On March 5, 2015, the Occupational Health and Safety Administration (“OSHA”) issued its “Final Rule” establishing the procedures for handling retaliation complaints brought under Section 806 of the Sarbanes-Oxley Act (“SOX”). Section 806, as amended by Dodd-Frank, protects employees of publicly traded companies, as well as employees of contractors, subcontractors, and agents of publicly traded companies, from being retaliated against for reporting fraudulent activity or other violations of SEC rules and regulations. The Final Rule addresses the comments that OSHA received in response to its interim rule, issued in 2011, and sets forth the final procedures for retaliation claims under SOX, including the procedures and timeframes applicable to employee complaints and OSHA investigations. While the Final Rule does not differ substantively from the interim rule, it crystalizes the SOX whistleblower complaint procedures and reflects an increasingly whistleblower-friendly landscape.
Verbal Complaints
One of the most important aspects of the Final Rule—and a subject of considerable concern to commenters—is its adherence to the interim rule provision permitting verbal SOX complaints. Prior to the interim rule, complaints had to be in writing and include a full statement of the alleged wrongful acts or omissions. The interim rule eliminated this requirement and permitted complaints to be made verbally and reduced to writing by an OSHA investigator. Commenters argued that this procedure transforms the investigator into an advocate for the complainant, lacks any standard for the investigator’s written complaint, and increases the risk that the complainant may attempt to change his or her allegations by contending that the claims were not accurately recorded by the investigator. OSHA rejected these arguments, concluding that allowing verbal complaints is “[c]onsistent with OSHA’s procedural rules under other whistleblower statues.”
Preliminary Reinstatement
The Final Rule also adopted the interim rule’s provision on preliminary reinstatement, i.e., reinstating the complainant to his or her former position during the pendency of a dispute. Commenters had suggested—without success—that OSHA include a provision that preliminary reinstatement should not be granted if the complainant is a security risk and that OSHA articulate specific circumstances under which preliminary reinstatement is appropriate. Instead, the Final Rule provides that, if there is a reasonable basis to believe that a SOX violation has occurred, a preliminary order will be issued that provides the relief necessary to make the complainant whole, including reinstatement to the position that he or she would have had but for the retaliation.
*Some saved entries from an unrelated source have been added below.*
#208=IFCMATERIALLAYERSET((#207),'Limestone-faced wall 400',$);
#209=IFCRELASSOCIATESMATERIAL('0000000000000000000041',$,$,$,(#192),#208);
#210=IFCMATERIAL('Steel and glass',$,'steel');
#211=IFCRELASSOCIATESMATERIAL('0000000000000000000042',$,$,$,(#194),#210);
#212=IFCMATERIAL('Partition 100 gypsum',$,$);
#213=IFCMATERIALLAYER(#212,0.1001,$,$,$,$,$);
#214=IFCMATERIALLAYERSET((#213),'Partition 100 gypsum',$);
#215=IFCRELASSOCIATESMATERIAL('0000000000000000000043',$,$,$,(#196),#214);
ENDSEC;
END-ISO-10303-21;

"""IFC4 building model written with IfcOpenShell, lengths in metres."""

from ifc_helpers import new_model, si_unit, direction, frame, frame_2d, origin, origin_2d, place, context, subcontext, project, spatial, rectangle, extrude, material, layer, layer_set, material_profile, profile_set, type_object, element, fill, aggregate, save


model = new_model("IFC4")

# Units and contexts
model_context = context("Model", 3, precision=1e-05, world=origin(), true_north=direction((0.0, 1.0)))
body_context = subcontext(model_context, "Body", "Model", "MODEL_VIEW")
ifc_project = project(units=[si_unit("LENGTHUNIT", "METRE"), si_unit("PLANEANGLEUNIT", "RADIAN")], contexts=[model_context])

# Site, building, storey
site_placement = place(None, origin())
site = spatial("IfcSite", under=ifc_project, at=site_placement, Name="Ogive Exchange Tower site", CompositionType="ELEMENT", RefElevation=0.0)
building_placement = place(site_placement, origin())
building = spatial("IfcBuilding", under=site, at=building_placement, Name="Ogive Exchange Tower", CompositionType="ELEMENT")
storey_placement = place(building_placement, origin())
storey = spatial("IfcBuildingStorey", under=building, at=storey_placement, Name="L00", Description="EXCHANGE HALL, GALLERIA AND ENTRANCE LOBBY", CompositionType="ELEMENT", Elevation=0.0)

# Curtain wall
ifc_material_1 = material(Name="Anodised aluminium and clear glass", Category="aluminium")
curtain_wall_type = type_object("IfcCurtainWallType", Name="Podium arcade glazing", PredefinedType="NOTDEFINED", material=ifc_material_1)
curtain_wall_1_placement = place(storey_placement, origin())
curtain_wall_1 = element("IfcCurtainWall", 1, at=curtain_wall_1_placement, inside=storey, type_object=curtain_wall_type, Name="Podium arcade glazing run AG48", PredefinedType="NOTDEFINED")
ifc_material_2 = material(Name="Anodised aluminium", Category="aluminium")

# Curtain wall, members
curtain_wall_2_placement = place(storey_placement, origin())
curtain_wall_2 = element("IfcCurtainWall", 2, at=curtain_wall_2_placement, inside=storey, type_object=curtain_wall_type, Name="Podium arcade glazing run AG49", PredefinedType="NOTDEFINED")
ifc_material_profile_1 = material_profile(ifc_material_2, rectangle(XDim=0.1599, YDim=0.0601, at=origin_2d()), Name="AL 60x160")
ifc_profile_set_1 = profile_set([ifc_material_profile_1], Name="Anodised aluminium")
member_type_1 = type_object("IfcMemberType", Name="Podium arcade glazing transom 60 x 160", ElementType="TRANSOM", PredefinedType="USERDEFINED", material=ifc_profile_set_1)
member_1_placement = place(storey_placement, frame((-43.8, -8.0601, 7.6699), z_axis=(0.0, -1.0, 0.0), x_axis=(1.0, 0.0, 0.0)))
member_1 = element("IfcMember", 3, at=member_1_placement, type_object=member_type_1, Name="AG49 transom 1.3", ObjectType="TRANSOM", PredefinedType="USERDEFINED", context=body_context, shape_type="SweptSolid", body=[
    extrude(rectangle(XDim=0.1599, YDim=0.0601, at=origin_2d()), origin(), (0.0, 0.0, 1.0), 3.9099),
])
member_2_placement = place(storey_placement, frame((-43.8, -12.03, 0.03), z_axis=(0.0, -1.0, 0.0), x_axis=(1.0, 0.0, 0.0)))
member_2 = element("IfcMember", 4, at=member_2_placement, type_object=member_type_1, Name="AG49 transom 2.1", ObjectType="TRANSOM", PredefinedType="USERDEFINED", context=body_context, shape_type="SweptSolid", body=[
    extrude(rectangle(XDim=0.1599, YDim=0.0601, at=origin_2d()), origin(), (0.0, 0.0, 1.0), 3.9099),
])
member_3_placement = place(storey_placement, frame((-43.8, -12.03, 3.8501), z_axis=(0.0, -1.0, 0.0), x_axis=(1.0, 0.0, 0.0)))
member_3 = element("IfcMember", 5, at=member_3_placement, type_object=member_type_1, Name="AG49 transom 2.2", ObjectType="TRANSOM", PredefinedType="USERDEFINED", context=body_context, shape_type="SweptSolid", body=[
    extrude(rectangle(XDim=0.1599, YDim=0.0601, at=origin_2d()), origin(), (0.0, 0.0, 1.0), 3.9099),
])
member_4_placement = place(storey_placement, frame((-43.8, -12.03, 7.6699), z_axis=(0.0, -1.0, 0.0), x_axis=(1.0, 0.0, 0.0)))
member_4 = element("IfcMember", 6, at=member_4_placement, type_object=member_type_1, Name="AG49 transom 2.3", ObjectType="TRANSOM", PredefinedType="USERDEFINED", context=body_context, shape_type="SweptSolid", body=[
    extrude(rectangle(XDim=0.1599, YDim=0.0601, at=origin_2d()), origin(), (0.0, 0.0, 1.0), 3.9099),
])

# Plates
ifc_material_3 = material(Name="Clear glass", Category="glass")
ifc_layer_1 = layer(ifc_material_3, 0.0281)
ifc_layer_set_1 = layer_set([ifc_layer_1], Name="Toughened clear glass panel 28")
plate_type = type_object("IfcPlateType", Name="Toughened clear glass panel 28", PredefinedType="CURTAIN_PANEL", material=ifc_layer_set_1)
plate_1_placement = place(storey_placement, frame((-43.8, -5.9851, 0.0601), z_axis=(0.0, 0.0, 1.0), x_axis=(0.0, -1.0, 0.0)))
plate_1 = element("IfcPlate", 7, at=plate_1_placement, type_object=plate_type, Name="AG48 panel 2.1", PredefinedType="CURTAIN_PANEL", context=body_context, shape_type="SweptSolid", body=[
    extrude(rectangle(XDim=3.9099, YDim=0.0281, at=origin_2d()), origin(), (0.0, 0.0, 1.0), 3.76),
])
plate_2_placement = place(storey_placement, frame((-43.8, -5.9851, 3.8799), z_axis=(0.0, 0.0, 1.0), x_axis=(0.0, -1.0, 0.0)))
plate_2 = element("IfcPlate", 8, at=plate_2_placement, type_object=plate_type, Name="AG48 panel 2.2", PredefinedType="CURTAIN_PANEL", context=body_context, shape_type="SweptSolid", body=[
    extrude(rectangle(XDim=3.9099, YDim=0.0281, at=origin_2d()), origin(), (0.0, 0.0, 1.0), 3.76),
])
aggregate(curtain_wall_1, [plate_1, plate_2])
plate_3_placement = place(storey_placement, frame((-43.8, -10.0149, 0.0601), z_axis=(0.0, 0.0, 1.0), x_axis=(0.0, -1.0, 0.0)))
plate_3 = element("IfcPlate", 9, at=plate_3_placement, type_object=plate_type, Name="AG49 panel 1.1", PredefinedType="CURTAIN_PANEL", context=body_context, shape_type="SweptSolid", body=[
Moreover, as an alternative to actual reinstatement, the Final Rule permits OSHA to order preliminary “economic reinstatement” during the pendency of a dispute, which allows the complainant to collect his or her same pay and benefits without having to return to work. Significantly, OSHA intentionally omitted any mechanism for employers to recover the costs of preliminary economic reinstatement if the complainant is ultimately unsuccessful on his or her claim.
Notice to Respondents
One helpful development for employers is OSHA’s decision to clarify in its Final Rule the notice that respondents must receive when a complaint is filed, as well as respondents’ right to receive the information that the complainant submits to OSHA during an investigation. The Final Rule expressly provides that, when a complaint is filed, OSHA must notify the respondent of the filing of the complaint, the allegations made, and the substance of the supporting evidence. The Final Rule also notes that OSHA “generally provides the respondent with a copy of its memorandum memorializing the complaint” and that the respondent can “request that OSHA clarify the allegations in the complaint if necessary.” In addition, the Final Rule makes clear that, during an investigation, OSHA will ensure that each party receives a copy of all of the other parties’ submissions to OSHA and is given an adequate opportunity to respond to those submissions.
In the light of these generally supportive and encouraging procedures for whistleblowers, it is more important than ever for employers to correctly identify, investigate thoroughly, and take appropriate steps to address internal whistleblower complaints before they become costly, full-blown whistleblower disputes.